In his first race with the team, he dropped his ball as the other dog was going to pass, but he picked it up and finished clean. But the pass caller flagged the dog going out for an early pass, and I thought he flagged Ozzy for dropping his ball, so I accidentally reran him. He ran down, and the box loader didn't have the ball loaded (since he wasn't actually supposed to rerun), so he came back. Grabbed him and threw him down the lane again and he finished clean.  
Thankfully that race was against a pickup team, so as long as we finished clean (which we did after the reruns), we still won. 

Then in his second singles race, he was against Chloe, who I've deemed our rival. LOL She was the first dog he ever ran against, and she's a little min pin - I've deemed her our rival. 
I don't think she had a single clean run. Ozzy bobbled on one of the heats and went WAY off to the side, so me and the box loader were screaming, "OVER, OVER, OVER, OVER!" and he looked like he was thinking about going around, but he corrected himself and finished clean! 

Last year, his fastest singles time was 6.462, and today his fastest was 5.559!! I'm ECSTATIC. That now makes him the second fastest Pomeranian in U-FLI! As of right now, he's the fastest in Arizona. Now we gotta beat the number 1 Pom right now, whose time is 5.266! I think he can do it! (If not, though, I'm still proud of him!)

The only mistakes made today were my fault. I started him early a few times, and then there was the accidental rerun incident. 

Ozzy got 140 points today, so he got his TF title! 

Let's just hope he keeps it up and does as well tomorrow as he did today!


----------



## Liesje (Mar 4, 2007)

Awesome, congrats!!! He's got better times than some of the dogs on my team 10 times his size!! 5.5 is great!!! New title yay!

Is he competitive when it comes to racing? I hate that in U-fli only Singles runs count for official times and our team dogs all run faster on teams because the atmosphere is more competitive. I've found that with both Nikon and Pan when I enter Singles I put really fast seed times because they both run faster against dogs that are faster than them. Or, if they don't get matched in races against faster dogs, I purposely blow a heat or two (like hold my dog back and don't release until the other dog is at the box) so my dog thinks the other dog can beat him. I don't think you can break out doing Singles so you can list whatever seed time you want.


----------



## MaggieRoseLee (Aug 17, 2001)

So guessing this was a flyball tournament? Sounds like you had fun and did well!

HEY, pictures already!!!!


----------



## Konotashi (Jan 11, 2010)

I haven't noticed if he gets more competitive when he races other dogs or not, but he ALWAYS does his best, and I couldn't ask for more. 

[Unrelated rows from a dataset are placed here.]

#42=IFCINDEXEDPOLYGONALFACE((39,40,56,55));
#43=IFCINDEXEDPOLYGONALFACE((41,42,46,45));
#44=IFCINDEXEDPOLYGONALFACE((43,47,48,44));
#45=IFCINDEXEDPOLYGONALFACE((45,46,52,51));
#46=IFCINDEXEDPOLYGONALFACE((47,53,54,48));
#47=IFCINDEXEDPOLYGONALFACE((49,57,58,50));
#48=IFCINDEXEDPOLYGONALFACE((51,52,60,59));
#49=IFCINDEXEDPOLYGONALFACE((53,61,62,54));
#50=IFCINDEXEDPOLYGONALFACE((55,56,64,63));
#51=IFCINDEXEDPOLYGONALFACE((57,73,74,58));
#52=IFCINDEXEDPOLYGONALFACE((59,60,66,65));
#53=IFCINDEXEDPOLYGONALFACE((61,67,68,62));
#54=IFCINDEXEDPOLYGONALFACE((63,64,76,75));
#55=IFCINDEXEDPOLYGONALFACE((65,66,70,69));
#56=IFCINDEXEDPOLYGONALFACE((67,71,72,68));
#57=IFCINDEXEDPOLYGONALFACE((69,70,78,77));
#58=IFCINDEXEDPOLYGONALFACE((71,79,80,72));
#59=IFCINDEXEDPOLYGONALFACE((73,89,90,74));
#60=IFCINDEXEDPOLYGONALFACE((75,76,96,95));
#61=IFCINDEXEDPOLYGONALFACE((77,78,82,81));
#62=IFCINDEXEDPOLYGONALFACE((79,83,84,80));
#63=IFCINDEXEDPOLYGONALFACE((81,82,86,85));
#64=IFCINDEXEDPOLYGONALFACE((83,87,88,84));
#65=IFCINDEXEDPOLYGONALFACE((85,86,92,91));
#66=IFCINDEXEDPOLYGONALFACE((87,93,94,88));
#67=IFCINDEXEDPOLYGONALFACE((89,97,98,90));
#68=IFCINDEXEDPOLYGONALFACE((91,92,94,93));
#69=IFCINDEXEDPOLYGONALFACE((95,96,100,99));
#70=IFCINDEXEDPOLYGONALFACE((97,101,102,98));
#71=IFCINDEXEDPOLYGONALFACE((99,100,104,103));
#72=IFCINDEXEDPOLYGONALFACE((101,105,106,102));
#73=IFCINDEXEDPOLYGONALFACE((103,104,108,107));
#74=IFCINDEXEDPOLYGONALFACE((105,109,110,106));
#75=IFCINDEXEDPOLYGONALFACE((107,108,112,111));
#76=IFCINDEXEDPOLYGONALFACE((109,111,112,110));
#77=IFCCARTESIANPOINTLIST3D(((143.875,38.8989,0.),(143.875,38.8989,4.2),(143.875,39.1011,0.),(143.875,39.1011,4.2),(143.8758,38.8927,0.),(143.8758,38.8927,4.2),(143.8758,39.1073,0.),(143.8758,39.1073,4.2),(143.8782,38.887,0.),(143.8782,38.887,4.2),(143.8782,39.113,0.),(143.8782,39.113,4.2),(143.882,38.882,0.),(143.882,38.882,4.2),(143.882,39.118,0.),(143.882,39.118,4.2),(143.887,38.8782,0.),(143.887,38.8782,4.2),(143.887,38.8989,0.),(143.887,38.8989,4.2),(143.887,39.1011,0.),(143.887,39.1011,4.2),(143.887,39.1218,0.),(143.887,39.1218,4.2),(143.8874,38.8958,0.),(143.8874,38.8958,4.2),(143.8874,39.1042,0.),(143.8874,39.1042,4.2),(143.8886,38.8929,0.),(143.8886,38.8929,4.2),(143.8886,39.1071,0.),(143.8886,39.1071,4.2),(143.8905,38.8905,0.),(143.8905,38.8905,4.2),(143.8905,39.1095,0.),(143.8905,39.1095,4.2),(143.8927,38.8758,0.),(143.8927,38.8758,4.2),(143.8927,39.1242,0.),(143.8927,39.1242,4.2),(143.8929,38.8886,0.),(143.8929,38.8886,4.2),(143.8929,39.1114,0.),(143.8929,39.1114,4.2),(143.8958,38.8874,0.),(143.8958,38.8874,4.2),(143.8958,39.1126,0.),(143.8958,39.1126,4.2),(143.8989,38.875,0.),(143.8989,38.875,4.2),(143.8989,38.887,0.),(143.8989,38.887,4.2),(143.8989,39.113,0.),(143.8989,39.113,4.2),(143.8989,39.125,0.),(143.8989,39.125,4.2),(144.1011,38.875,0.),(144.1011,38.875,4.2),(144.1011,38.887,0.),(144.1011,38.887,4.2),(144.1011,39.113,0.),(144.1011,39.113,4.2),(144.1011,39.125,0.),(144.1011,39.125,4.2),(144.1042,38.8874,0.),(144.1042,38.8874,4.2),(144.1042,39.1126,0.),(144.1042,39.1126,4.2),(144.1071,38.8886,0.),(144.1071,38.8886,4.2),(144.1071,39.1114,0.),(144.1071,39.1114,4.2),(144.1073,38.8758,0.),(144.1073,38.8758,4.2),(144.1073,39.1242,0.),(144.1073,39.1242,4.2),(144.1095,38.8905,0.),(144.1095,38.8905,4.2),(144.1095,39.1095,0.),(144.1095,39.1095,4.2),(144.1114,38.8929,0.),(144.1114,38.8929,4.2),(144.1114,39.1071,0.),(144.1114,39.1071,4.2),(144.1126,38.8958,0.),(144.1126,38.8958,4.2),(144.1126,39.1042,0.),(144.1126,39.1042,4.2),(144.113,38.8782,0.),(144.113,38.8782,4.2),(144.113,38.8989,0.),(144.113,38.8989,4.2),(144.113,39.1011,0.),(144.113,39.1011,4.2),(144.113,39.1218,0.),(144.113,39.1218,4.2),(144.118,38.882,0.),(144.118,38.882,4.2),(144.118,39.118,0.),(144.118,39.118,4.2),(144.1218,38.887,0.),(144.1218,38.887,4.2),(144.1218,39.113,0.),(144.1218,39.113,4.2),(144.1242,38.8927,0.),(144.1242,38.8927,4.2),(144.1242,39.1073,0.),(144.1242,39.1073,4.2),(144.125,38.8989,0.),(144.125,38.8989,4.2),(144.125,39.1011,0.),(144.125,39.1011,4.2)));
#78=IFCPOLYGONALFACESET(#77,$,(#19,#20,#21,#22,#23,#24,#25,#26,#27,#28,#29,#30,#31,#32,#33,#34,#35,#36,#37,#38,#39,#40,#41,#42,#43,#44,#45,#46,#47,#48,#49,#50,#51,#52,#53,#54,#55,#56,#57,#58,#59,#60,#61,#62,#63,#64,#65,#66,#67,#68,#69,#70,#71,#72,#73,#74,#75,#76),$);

First race today was against another pickup team. He's bobbling on the box for some reason, but he gets right back in the lane and finishes clean!
I think he had a brain fart on one of his heats, because he ran down, bobbled, then came back over the first jump and dropped his ball. He ran back to the box and triggered it again, after the box loader put the ball in for the next dog.
But he went back and picked up his ball and ended with a clean run. 
So so so proud of him! He's doing awesome!


----------



## Konotashi (Jan 11, 2010)

Oh, and unfortunately our photographer isn't here, so no pics. :/
I'll post a pic of him when his title comes in! (In a few months, haha).


----------



## JeanKBBMMMAAN (May 11, 2005)

Huge congrats! That is so great - the little guy is motoring for sure! 

I've gone to a few tournaments and it is always so much fun to watch the dogs having a good time. People too!


----------



## Cassidy's Mom (Mar 30, 2003)

Good boy Ozzy! Have fun today!


----------



## Konotashi (Jan 11, 2010)

His team came first in their division! 
He got 410 points over the weekend, so he's just 90 points away from his next title!

Ran perfect all day again, and I only screwed up once (early pass).

So proud of my little man!!


----------



## Liesje (Mar 4, 2007)

Wow awesome!


----------